For ecological research purposes, a tracking device has been attached to some individuals on a migratory flock. The goal of this project is to construct the migration routes of these birds, by interpolating the signals obtained from the tracking device. CourseNana.COM

2 Detailed description

2.1 Method

The device attached to the birds sends information about, times as a matrix of the form: among other parameters, their positions at different CourseNana.COM

The pair (x(t), y(t)) describes a parametric curve corresponding to the path followed by the member of the flock, which we are interested in. To find it, we will use polynomial interpolation to get a description of the evolution of the variables x and y with respect to t, and evaluate it at different times in the interval [t0 , tn ]. CourseNana.COM

2.1.1 First Approach: Polynomial Interpolation

One option that we have is to construct a single polynomial that interpolates all n nodes. More specifically, you have to code a routine that uses the (forward) divided difference method to compute the coefficients in the Newton form corresponding to a general set of interpolation nodes (ti , f (ti )), and another routine that evaluates the interpolating polynomial using the nested multiplication, i.e., a generalization of Horner’s method with various points (refer to Lecture 18): Pn (t) = (· · · (f [t0 , t1 , . . . , tn ](t − tn−1 ) + f [t0 , . . . , tn−1 ])(t − tn−2 ) · · · )(t − t0 ) + f [t0 ]. Then, a main function, which has the information of the tracking device, uses the previous routine with the first two columns (ti , xi ) to find the interpolation polynomial Pnx (t) that for each time t will give us the x coordinate of the position, and again with the first and third columns (ti , yi ) to find the interpolation polynomial Pny (t) that for each time t will give us the y coordinate. Once you have the coefficients of the polynomials, evaluate the both polynomials at the testing points τ0 , . . . , τm−1 to get the points in the path. Save the polynomial coefficients in the form CourseNana.COM

x[t0 , . . . , tn ] y[t0 , . . . , tn ] CourseNana.COM

2.1.2 Second Approach: Cubic Spline Interpolation

As you can see by plotting the results, sometimes the error is quite large near the boundaries of the interval [t0 , tn−1 ], and grows fast as we increase the number of points (see the second question in the implementation part).
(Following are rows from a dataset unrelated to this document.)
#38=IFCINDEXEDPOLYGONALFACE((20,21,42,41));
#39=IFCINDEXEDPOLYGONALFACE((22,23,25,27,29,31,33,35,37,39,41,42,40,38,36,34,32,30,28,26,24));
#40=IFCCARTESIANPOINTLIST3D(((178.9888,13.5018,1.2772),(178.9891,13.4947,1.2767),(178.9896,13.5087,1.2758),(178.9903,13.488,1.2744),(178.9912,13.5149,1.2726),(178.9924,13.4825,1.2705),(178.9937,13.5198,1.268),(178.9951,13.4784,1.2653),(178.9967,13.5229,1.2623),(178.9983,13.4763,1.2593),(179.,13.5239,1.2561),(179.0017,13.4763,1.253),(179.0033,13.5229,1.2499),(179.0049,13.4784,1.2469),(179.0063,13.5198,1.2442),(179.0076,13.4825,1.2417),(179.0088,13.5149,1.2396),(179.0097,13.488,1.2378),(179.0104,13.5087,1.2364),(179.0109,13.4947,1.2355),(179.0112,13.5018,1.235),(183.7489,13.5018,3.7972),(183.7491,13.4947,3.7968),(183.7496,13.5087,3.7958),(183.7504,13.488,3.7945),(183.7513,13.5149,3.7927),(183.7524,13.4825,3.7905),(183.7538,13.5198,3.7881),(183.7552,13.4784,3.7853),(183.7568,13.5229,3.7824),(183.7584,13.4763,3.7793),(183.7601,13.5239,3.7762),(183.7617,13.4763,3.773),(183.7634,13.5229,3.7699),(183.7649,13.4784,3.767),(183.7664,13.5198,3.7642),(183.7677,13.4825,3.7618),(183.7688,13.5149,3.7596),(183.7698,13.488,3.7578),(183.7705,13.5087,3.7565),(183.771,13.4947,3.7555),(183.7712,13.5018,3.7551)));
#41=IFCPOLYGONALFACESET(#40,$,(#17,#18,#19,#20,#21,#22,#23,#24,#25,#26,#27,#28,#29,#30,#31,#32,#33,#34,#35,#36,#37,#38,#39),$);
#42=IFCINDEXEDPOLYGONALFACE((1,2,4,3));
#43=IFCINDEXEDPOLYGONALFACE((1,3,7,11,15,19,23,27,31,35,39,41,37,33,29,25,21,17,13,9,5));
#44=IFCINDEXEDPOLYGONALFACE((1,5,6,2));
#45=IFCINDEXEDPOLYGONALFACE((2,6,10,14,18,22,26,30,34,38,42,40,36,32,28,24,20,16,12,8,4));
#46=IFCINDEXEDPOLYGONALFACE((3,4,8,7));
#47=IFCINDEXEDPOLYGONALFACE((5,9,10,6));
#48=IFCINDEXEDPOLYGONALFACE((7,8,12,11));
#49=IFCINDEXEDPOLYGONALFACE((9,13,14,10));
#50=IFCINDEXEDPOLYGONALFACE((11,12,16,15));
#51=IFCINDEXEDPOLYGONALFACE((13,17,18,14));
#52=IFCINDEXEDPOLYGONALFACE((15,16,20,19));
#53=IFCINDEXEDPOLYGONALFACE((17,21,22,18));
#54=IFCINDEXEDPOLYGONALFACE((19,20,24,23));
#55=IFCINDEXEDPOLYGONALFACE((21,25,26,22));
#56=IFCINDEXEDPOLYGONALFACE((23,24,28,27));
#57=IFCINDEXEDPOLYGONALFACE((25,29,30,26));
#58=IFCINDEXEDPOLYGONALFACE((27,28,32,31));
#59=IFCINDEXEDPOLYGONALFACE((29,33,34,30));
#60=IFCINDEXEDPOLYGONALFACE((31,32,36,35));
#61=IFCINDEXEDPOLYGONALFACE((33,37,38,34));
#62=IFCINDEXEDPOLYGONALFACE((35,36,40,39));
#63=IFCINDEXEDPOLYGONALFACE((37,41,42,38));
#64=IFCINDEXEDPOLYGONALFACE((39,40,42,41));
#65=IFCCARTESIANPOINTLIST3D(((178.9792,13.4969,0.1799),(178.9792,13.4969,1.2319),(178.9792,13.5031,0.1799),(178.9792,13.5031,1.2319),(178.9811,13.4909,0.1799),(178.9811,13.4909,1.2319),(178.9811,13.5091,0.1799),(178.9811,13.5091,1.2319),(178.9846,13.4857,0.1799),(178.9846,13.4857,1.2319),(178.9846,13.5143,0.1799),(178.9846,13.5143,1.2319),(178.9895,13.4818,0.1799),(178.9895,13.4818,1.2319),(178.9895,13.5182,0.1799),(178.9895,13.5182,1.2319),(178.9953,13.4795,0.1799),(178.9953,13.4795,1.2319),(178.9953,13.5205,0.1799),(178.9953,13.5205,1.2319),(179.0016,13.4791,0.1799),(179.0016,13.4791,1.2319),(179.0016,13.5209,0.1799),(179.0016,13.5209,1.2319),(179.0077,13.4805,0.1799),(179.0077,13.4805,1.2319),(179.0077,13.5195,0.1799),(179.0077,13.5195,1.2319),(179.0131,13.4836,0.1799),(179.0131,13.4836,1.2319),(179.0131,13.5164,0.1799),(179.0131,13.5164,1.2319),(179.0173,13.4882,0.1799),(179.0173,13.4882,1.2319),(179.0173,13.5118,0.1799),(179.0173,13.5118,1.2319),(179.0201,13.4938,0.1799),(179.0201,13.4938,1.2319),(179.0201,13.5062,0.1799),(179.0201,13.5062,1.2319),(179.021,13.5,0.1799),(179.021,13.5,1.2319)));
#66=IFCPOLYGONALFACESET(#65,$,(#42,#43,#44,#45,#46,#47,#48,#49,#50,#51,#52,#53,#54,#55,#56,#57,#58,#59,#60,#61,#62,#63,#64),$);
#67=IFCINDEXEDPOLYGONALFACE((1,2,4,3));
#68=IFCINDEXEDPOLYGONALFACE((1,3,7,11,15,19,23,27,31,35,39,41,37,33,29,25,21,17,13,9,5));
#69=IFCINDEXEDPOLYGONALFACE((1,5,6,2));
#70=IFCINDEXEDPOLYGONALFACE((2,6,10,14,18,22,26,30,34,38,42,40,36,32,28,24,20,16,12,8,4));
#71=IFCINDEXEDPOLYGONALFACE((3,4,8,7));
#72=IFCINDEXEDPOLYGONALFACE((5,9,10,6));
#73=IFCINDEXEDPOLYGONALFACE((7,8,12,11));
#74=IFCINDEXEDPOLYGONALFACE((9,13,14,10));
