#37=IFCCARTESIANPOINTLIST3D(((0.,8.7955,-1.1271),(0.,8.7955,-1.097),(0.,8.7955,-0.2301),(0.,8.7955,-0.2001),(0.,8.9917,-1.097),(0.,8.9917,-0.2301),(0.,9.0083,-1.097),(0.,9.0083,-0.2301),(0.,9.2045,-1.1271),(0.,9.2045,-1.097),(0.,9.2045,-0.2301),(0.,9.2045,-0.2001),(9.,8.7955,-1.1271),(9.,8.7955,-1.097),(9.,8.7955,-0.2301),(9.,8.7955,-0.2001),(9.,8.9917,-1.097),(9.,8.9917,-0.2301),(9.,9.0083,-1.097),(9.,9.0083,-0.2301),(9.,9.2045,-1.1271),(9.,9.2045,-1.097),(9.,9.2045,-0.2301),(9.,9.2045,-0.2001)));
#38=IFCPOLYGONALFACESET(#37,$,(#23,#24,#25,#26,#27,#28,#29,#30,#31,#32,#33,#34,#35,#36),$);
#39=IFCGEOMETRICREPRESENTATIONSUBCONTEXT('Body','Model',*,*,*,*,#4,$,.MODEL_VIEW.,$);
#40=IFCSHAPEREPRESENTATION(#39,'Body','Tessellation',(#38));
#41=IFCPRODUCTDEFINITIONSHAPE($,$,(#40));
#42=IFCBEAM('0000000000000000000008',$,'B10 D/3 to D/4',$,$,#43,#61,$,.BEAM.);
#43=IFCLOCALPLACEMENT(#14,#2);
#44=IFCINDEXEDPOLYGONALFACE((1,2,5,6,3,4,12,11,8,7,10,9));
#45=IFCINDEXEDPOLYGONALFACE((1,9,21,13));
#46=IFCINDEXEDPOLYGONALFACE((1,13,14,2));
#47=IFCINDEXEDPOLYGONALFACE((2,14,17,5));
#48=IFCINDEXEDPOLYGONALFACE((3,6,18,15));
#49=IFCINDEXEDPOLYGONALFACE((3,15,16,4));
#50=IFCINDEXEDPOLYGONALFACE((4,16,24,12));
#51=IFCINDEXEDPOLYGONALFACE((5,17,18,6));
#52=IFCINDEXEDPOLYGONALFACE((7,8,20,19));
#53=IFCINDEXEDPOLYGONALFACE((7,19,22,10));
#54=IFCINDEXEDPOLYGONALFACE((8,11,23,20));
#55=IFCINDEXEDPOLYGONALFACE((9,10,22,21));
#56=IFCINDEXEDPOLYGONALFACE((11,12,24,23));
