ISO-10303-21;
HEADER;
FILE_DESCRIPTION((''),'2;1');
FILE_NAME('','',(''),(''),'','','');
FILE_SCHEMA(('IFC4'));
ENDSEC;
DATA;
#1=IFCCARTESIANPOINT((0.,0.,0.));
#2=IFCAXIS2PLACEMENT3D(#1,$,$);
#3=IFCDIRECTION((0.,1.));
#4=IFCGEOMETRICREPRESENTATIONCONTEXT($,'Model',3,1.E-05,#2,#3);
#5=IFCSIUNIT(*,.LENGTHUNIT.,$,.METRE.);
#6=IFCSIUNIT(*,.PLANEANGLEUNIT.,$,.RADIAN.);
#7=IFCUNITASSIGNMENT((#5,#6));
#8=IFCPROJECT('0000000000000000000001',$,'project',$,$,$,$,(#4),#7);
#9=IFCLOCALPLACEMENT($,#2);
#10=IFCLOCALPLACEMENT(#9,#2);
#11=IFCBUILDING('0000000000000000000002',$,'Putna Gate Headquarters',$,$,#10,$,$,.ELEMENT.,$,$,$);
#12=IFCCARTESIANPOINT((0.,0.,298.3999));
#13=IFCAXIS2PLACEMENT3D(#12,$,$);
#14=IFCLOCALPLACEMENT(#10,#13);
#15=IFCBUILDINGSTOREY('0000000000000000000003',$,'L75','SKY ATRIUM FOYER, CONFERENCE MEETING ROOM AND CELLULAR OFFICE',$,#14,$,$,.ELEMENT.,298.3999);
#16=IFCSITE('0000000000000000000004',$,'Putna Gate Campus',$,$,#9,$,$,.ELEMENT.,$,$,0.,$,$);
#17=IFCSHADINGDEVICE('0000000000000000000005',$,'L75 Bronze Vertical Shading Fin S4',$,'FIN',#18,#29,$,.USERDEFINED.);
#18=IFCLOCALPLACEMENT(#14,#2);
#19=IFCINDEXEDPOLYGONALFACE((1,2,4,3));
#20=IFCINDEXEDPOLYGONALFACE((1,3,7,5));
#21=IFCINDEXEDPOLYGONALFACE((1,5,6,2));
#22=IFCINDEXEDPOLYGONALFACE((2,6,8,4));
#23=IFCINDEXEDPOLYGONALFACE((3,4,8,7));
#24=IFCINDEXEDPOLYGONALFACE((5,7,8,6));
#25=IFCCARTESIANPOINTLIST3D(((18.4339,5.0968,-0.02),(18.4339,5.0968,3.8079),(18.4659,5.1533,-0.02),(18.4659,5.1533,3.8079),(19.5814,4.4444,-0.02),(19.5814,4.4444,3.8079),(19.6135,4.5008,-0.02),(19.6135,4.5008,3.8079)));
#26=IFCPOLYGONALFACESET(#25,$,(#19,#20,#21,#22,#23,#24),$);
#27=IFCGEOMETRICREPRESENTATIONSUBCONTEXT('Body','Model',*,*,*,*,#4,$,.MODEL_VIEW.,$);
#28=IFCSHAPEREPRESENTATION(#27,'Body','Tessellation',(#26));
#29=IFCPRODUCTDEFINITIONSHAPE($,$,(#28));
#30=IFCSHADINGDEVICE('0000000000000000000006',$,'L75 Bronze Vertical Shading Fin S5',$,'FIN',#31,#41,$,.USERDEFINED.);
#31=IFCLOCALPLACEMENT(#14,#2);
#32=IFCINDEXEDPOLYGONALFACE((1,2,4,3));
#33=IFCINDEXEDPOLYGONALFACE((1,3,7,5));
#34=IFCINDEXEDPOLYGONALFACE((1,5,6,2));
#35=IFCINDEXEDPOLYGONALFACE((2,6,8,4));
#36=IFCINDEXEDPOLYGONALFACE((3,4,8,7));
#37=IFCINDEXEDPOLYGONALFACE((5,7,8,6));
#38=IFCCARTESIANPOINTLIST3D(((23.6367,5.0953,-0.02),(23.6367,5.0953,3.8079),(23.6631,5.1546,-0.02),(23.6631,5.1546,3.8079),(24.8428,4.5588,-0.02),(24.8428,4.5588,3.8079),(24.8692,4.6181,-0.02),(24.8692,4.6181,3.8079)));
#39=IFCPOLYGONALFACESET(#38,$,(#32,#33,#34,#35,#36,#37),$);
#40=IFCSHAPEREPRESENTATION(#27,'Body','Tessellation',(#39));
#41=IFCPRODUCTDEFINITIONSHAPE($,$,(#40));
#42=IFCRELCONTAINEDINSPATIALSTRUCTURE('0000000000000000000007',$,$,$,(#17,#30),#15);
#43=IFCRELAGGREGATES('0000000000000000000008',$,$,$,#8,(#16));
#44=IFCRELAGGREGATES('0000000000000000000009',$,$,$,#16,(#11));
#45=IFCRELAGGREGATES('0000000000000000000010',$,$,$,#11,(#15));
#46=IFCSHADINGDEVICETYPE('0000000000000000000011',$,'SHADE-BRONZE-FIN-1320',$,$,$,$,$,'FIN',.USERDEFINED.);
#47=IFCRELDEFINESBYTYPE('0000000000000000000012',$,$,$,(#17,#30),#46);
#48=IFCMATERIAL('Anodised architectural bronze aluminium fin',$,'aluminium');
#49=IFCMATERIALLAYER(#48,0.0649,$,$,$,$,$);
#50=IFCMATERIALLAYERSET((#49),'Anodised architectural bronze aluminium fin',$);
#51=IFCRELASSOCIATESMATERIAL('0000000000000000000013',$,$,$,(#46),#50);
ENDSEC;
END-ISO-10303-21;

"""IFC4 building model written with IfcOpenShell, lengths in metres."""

from ifc_helpers import new_model, si_unit, direction, frame, origin, origin_2d, place, context, subcontext, project, spatial, rectangle, extrude, material, layer, layer_set, type_object, element, save


model = new_model("IFC4")

# Units and contexts
model_context = context("Model", 3, precision=1e-05, world=origin(), true_north=direction((0.0, 1.0)))
body_context = subcontext(model_context, "Body", "Model", "MODEL_VIEW")
ifc_project = project(units=[si_unit("LENGTHUNIT", "METRE"), si_unit("PLANEANGLEUNIT", "RADIAN")], contexts=[model_context])

# Site, building, storey
site_placement = place(None, origin())
site = spatial("IfcSite", under=ifc_project, at=site_placement, Name="Putna Gate Campus", CompositionType="ELEMENT", RefElevation=0.0)
building_placement = place(site_placement, origin())
building = spatial("IfcBuilding", under=site, at=building_placement, Name="Putna Gate Headquarters", CompositionType="ELEMENT")
storey_placement = place(building_placement, frame((0.0, 0.0, 298.3999)))
storey = spatial("IfcBuildingStorey", under=building, at=storey_placement, Name="L75", Description="SKY ATRIUM FOYER, CONFERENCE MEETING ROOM AND CELLULAR OFFICE", CompositionType="ELEMENT", Elevation=298.3999)

# Shading devices
ifc_material_1 = material(Name="Anodised architectural bronze aluminium fin", Category="aluminium")
ifc_layer_1 = layer(ifc_material_1, 0.0649)
ifc_layer_set_1 = layer_set([ifc_layer_1], Name="Anodised architectural bronze aluminium fin")
shading_device_type = type_object("IfcShadingDeviceType", Name="SHADE-BRONZE-FIN-1320", ElementType="FIN", PredefinedType="USERDEFINED", material=ifc_layer_set_1)
for number, where, z_axis, x_axis, name in (
    (1, (19.0237, 4.7988, -0.02), (0.0, 0.0, 1.0), (0.869322, -0.494245, 0.0), "L75 Bronze Vertical Shading Fin S4"),
    (2, (24.2529, 4.8567, -0.02), (0.0, 0.0, 1.0), (0.913687, -0.406418, 0.0), "L75 Bronze Vertical Shading Fin S5"),
):
    element("IfcShadingDevice", number, at=place(storey_placement, frame(where, z_axis=z_axis, x_axis=x_axis)), inside=storey, type_object=shading_device_type, Name=name, ObjectType="FIN", PredefinedType="USERDEFINED", context=body_context, shape_type="SweptSolid", body=[
        extrude(rectangle(XDim=1.3201, YDim=0.0649, at=origin_2d()), origin(), (0.0, 0.0, 1.0), 3.8279),
    ])

save(model, "model.ifc")
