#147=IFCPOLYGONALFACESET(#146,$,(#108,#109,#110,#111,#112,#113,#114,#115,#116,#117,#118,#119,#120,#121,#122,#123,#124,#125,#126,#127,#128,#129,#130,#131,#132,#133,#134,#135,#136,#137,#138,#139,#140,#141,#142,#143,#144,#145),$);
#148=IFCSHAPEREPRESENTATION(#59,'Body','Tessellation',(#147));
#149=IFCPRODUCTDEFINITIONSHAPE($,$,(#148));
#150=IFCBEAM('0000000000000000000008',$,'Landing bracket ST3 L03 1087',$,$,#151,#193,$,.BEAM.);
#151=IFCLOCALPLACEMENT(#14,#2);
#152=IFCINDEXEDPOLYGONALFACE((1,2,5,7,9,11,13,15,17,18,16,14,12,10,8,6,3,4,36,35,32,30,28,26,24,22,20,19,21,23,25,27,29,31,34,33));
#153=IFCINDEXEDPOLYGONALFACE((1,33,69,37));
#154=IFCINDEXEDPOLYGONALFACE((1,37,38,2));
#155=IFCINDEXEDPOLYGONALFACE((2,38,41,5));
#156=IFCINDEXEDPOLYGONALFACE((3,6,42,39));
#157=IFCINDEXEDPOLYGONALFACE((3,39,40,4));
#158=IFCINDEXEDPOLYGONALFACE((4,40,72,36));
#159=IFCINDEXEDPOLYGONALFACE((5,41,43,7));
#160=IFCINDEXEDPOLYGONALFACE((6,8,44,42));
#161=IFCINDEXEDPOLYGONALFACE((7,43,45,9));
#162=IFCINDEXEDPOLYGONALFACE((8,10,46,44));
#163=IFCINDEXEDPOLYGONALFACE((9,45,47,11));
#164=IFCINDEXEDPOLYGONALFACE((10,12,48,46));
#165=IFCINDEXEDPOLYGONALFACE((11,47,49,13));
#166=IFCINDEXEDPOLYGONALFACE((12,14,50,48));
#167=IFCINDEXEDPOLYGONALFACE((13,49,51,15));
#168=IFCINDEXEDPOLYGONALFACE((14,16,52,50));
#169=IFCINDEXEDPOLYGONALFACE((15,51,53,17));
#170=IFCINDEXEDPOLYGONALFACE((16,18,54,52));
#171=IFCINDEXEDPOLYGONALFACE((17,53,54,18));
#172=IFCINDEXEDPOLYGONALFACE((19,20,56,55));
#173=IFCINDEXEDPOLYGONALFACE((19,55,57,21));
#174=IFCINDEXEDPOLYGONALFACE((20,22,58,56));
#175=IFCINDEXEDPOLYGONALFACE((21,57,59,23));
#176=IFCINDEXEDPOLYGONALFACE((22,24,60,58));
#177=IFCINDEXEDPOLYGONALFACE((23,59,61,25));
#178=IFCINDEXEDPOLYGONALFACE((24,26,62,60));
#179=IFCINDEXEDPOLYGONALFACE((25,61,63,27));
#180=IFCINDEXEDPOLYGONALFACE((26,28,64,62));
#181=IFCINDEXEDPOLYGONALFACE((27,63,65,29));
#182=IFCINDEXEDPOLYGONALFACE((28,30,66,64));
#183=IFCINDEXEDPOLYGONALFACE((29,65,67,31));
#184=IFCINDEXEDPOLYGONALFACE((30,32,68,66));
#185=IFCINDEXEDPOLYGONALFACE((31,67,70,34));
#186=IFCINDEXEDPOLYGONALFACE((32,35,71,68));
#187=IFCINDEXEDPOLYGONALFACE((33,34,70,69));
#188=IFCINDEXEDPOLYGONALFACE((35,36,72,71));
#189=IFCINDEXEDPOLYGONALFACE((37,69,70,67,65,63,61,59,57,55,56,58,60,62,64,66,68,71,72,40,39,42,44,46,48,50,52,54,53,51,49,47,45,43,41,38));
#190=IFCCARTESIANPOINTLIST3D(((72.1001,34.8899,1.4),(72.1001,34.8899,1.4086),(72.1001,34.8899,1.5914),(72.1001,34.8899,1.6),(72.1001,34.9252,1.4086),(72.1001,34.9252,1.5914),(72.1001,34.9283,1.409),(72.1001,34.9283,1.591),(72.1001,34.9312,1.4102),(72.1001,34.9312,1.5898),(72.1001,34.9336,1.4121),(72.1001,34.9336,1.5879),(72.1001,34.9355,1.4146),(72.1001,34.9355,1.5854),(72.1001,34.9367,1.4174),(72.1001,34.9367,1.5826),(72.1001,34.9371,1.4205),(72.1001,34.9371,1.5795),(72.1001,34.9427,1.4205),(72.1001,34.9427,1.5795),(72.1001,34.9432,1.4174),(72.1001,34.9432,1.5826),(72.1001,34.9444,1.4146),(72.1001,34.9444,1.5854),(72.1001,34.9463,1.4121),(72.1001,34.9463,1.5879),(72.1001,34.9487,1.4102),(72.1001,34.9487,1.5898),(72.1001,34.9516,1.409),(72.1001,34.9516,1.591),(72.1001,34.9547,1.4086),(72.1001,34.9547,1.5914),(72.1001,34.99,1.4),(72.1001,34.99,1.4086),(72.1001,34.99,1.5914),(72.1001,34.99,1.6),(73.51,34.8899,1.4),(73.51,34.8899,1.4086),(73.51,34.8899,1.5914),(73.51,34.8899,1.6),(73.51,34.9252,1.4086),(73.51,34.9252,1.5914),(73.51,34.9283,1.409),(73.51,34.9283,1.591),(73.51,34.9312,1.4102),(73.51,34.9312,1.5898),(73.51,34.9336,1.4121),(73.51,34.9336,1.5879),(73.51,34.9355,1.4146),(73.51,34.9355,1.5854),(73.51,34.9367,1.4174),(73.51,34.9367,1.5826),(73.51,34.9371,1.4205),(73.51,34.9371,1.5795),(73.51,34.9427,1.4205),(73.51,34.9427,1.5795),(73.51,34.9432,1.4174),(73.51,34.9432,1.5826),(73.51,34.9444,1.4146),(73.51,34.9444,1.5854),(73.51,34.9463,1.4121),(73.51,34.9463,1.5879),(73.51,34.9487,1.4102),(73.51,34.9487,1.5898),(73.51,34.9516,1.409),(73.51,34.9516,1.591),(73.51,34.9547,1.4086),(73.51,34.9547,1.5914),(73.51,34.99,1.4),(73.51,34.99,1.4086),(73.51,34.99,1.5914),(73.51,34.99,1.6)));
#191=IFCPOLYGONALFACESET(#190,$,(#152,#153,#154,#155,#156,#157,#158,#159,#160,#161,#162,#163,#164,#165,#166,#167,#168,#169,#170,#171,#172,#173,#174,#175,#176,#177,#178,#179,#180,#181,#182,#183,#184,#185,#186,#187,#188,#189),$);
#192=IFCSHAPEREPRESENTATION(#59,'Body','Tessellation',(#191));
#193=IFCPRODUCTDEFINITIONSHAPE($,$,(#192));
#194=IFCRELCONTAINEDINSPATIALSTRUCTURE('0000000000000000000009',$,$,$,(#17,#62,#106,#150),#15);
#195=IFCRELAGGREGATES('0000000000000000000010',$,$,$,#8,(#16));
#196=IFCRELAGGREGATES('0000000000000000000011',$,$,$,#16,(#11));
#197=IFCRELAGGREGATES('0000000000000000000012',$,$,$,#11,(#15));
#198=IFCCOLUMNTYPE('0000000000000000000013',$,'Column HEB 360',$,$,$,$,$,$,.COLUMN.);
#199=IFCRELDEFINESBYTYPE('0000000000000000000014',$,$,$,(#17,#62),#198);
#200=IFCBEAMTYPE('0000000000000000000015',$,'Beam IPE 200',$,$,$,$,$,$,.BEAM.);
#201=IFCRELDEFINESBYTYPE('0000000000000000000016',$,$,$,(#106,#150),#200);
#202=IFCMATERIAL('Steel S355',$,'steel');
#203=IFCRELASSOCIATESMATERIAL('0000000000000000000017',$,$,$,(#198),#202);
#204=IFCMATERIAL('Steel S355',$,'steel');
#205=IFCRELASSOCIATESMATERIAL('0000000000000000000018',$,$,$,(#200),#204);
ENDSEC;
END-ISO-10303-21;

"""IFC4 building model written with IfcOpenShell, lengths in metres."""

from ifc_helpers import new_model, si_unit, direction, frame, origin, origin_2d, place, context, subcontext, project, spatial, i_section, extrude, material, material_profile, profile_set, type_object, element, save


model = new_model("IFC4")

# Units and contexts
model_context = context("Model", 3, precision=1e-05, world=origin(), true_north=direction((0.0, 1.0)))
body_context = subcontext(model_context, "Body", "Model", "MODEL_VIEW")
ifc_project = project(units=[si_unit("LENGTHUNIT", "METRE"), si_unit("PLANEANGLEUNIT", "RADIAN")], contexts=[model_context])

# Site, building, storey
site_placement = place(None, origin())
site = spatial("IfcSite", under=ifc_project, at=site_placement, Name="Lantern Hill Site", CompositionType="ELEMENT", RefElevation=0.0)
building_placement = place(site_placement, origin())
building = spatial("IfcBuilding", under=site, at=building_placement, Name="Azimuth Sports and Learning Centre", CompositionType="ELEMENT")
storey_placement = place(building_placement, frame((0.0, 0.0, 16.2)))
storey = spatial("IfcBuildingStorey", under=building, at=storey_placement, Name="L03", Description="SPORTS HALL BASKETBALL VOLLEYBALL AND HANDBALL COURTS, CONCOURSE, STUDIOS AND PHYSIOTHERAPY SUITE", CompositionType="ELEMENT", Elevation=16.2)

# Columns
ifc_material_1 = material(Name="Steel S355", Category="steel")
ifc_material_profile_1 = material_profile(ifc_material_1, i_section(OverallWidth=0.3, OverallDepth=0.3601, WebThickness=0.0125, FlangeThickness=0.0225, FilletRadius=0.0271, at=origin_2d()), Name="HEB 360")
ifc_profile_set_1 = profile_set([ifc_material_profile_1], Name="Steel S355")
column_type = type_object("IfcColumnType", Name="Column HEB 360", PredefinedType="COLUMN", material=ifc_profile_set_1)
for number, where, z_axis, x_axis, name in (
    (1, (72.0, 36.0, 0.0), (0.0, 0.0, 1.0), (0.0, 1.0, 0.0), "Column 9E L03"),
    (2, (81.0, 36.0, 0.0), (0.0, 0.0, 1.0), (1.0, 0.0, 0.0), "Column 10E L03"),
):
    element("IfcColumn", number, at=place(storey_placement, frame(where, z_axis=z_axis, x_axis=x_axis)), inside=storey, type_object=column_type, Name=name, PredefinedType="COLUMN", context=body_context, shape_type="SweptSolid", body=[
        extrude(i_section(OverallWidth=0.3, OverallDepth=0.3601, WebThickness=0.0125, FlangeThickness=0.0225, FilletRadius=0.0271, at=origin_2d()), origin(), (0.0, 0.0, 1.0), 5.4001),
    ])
To handle this, we consider the cubic spline interpolant which is a piecewise function of the form t ∈ [t0 , t1 ] CourseNana.COM

sn−1 (t) t ∈ [tn−1 , tn ] CourseNana.COM

By the definition, the cubic spline S(t) satisfies the following conditions a. The function S(t) restricted on each subinterval [ti , ti+1 ], denoted by si (t), is a cubic polynomial of the form si (t) = yi + bi (t − ti ) + ci (t − ti )2 + di (t − ti )3 CourseNana.COM

for i = 0, 1, . . . , n − 1. CourseNana.COM

b. (i) Natural boundary condition: S ′′ (t0 ) = S ′′ (tn ) = 0. (ii) Clamped boundary condition: S ′ (t0 ) = y0′ CourseNana.COM

and S ′ (tn ) = yn′ . CourseNana.COM

To find the values of bi , ci and di , we denote mi = S ′′ (ti ) for i = 0, . . . n, and hi = ti+1 − ti for i = 0, 1, . . . , n − 1. After applying the interpolation conditions and continuity of the spline at the interior nodes, we have hi (mi+1 + 2mi yi+1 − yi The second derivatives m0 , . . . , mn at nodes can be obtained by solving the following tridiagonal linear system Am = r CourseNana.COM

for i = 1, . . . , n − 1. CourseNana.COM

In addition, if the natural boundary condition is applied, then µ0 = λn−1 = 0, r0 = rn = 0, m0 = mn = 0. CourseNana.COM

If a clamped boundary condition is applied, then Again, we want to find the corresponding cubic splines for the x and y coordinates respectively and save all coefficients in the form: CourseNana.COM

As long as the coefficients are available, we evaluate S x and S y at the test points τ0 . . . τm−1 to find the path. CourseNana.COM

2.2 Routines

You have to code: CourseNana.COM

  1. A routine divdif.m that finds the divided differences (refer to the Coef pseudocode in p.166 of the textbook): function [P, Q] = divdif(x,y)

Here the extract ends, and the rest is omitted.